Diduga Dicemarkan di Media Sosial, Arihta Sembiring Laporkan Akun Facebook ke Direktorat Siber Polda Sumut

Medan – dstvnews.com
Merasa nama baiknya dicemarkan melalui media sosial Facebook, Arihta Sembiring (47) didampingi sejumlah jurnalist, LSM serta tim media Laskar Merah Putih, secara resmi membuat laporan ke Direktorat Siber Polda Sumatera Utara (9/5/2026).

Kedatangan Arihta Sembiring bersama rombongan ke SPKT Polda Sumatera Utara diterima secara humanis oleh petugas kepolisian. Dalam laporan tersebut, pelapor membawa sejumlah barang bukti berupa tangkapan layar postingan, foto, serta akun media sosial yang diduga milik pelaku.

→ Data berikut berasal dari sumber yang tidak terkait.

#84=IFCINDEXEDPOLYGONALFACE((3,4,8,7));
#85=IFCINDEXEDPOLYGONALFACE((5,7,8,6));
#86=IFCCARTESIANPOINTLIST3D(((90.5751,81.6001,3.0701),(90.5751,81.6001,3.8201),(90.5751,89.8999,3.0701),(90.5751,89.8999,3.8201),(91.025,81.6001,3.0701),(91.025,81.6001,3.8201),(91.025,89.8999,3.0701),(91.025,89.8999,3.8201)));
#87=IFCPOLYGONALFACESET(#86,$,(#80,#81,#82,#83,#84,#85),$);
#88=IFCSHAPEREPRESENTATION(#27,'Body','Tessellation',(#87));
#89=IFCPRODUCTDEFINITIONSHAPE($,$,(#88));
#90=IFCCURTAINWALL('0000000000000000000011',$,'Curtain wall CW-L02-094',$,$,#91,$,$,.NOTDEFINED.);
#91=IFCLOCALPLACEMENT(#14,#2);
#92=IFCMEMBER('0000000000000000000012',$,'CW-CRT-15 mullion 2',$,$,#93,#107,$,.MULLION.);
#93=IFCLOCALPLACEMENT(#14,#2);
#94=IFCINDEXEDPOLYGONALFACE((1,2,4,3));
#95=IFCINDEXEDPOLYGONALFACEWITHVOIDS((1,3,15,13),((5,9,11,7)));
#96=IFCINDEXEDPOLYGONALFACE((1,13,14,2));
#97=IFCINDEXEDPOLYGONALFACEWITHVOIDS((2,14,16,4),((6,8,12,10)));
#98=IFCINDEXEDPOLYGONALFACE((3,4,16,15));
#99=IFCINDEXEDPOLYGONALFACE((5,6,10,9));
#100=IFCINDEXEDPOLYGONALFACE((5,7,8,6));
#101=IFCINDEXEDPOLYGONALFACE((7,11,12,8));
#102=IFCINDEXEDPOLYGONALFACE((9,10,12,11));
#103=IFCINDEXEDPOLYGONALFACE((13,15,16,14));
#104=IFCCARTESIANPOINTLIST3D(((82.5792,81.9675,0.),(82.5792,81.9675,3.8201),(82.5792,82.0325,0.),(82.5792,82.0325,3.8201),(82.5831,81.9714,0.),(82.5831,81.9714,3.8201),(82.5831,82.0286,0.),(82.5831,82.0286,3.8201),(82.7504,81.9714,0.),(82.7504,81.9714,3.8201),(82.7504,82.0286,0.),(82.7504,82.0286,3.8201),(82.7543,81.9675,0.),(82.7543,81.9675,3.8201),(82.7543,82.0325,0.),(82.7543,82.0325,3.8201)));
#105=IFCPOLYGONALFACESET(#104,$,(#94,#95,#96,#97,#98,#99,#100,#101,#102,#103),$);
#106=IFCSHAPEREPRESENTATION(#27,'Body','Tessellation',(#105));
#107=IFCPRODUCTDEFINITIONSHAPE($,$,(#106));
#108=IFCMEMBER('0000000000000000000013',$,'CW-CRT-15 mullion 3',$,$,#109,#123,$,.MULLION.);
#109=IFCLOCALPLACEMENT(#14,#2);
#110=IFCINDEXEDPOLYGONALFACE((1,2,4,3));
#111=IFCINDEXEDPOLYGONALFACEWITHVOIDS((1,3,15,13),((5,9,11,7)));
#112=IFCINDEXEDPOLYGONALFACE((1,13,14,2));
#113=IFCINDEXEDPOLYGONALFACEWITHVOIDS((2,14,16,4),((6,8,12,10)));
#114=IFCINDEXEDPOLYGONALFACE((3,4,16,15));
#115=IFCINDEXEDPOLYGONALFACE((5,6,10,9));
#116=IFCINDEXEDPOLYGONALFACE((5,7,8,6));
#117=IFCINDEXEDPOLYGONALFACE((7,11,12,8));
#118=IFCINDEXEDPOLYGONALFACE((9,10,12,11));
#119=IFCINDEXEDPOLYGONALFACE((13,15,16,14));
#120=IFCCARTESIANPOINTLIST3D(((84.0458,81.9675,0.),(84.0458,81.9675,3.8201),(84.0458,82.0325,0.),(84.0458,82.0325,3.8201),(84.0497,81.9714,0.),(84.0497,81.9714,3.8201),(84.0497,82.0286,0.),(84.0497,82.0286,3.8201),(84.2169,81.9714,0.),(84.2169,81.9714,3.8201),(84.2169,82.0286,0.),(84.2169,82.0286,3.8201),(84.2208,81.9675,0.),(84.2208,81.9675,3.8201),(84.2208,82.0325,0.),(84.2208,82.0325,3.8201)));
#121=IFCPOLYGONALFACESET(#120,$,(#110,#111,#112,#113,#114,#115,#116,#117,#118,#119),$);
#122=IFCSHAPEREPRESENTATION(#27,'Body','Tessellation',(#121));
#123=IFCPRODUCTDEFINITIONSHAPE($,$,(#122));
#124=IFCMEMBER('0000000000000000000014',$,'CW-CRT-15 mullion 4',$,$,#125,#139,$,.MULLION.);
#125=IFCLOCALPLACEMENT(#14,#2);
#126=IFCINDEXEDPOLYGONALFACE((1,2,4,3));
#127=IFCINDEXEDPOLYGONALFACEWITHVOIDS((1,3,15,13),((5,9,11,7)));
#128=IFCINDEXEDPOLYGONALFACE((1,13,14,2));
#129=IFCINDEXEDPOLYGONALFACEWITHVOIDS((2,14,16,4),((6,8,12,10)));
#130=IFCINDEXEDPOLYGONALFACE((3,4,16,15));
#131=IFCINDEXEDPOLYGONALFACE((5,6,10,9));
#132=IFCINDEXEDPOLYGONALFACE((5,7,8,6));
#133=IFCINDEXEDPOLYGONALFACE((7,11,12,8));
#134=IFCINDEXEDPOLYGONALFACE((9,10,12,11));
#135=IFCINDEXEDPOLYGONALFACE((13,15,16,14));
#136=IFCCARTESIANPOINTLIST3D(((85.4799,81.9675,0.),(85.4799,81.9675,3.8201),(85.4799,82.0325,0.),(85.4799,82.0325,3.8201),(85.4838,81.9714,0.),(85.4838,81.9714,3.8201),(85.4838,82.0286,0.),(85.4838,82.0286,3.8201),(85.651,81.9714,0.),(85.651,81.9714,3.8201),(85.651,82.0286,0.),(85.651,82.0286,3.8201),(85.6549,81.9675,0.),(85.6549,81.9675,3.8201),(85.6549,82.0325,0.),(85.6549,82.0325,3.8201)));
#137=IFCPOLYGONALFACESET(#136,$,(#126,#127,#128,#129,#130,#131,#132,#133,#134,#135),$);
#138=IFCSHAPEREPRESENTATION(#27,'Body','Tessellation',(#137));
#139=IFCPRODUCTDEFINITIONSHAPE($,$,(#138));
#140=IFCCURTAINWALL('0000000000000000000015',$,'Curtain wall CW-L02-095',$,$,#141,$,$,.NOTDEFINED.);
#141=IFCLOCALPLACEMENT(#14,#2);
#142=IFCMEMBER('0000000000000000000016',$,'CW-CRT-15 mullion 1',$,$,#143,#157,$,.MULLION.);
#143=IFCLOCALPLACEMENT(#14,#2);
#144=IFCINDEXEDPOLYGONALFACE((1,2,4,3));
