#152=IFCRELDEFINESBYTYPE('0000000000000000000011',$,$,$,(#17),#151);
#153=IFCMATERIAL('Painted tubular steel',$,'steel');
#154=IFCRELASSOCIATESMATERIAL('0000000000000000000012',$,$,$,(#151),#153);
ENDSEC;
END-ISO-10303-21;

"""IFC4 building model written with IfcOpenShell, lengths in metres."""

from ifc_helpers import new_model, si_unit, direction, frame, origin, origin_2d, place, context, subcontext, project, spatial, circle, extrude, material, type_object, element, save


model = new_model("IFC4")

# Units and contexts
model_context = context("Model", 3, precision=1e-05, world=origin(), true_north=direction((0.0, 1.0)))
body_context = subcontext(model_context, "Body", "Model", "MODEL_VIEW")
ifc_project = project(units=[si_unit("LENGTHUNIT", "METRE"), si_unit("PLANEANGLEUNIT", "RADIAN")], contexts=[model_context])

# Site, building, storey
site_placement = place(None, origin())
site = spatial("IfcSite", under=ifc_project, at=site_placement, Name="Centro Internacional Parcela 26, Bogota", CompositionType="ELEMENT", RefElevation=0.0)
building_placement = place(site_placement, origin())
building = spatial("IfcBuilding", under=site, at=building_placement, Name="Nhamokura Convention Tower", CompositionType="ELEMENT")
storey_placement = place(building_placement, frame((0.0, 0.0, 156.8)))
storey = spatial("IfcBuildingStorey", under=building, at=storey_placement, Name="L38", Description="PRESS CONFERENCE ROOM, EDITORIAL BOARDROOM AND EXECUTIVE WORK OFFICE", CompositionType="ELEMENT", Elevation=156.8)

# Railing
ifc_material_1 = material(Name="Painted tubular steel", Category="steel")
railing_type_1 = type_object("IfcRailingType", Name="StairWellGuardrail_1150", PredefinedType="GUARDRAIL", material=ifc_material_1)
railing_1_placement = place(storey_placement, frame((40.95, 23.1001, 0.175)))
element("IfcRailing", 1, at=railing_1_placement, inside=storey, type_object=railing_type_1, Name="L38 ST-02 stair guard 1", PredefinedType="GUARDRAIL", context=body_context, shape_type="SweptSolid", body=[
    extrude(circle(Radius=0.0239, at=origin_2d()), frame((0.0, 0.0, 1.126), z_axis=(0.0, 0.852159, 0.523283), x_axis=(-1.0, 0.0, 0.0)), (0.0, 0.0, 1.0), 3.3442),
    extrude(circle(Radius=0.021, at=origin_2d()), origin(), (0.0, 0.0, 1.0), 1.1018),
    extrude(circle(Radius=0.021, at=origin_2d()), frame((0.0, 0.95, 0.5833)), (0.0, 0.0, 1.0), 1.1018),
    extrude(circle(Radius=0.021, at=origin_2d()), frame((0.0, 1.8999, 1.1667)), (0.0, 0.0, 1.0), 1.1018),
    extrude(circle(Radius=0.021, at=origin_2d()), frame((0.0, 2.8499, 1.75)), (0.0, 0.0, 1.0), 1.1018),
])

Usai menjalani pemeriksaan awal di SPKT, Arihta Sembiring kemudian diarahkan ke Direktorat Siber Ditreskrimsus Polda Sumut untuk proses lebih lanjut.

Berdasarkan laporan polisi nomor: LP/B/740/V/2026/SPKT/Polda Sumatera Utara, Arihta Sembiring melaporkan akun Facebook bernama “Bugan Katak”. Dalam beberapa unggahannya, akun tersebut diduga menuliskan kalimat serta mengunggah foto yang menyebut pelapor memiliki barak narkoba di wilayah Namo Ukur Utara, serta beberapa postingan lain yang dinilai merugikan dan mencemarkan nama baik pelapor.

Usai memberikan keterangan di Direktorat Siber Polda Sumut, Arihta Sembiring kepada sejumlah wartawan mengatakan,” dugaan penyerangan pribadi terhadap dirinya di media sosial berawal saat dirinya aktif memberitakan aktivitas galian C yang diduga tidak memiliki izin di Desa Mekar Jaya, Kecamatan Sei Bingai, Kabupaten Langkat.

“Saya berharap pihak kepolisian dapat segera menindaklanjuti dan menyelesaikan kasus ini sesuai hukum yang berlaku, agar kejadian serupa tidak kembali dialami wartawan ataupun masyarakat lainnya,” ujar Arihta Sembiring.

Sementara itu, Ketua DPP LSM FMI, Iksan Lubis, yang juga kader Laskar Merah Putih, menegaskan bahwa kasus pencemaran nama baik di media sosial harus menjadi perhatian serius aparat penegak hukum.

Menurutnya, penyebaran informasi yang belum tentu benar di media sosial dapat merugikan seseorang secara pribadi maupun profesi. Ia juga menyatakan bahwa tim hukum DPP FMI akan terus mengawal proses hukum kasus tersebut hingga selesai.

“Kami mendukung penegakan hukum terhadap dugaan pencemaran nama baik melalui media sosial. Tim hukum DPP FMI akan terus mengawal kasus ini sampai tuntas,” tegas Iksan Lubis.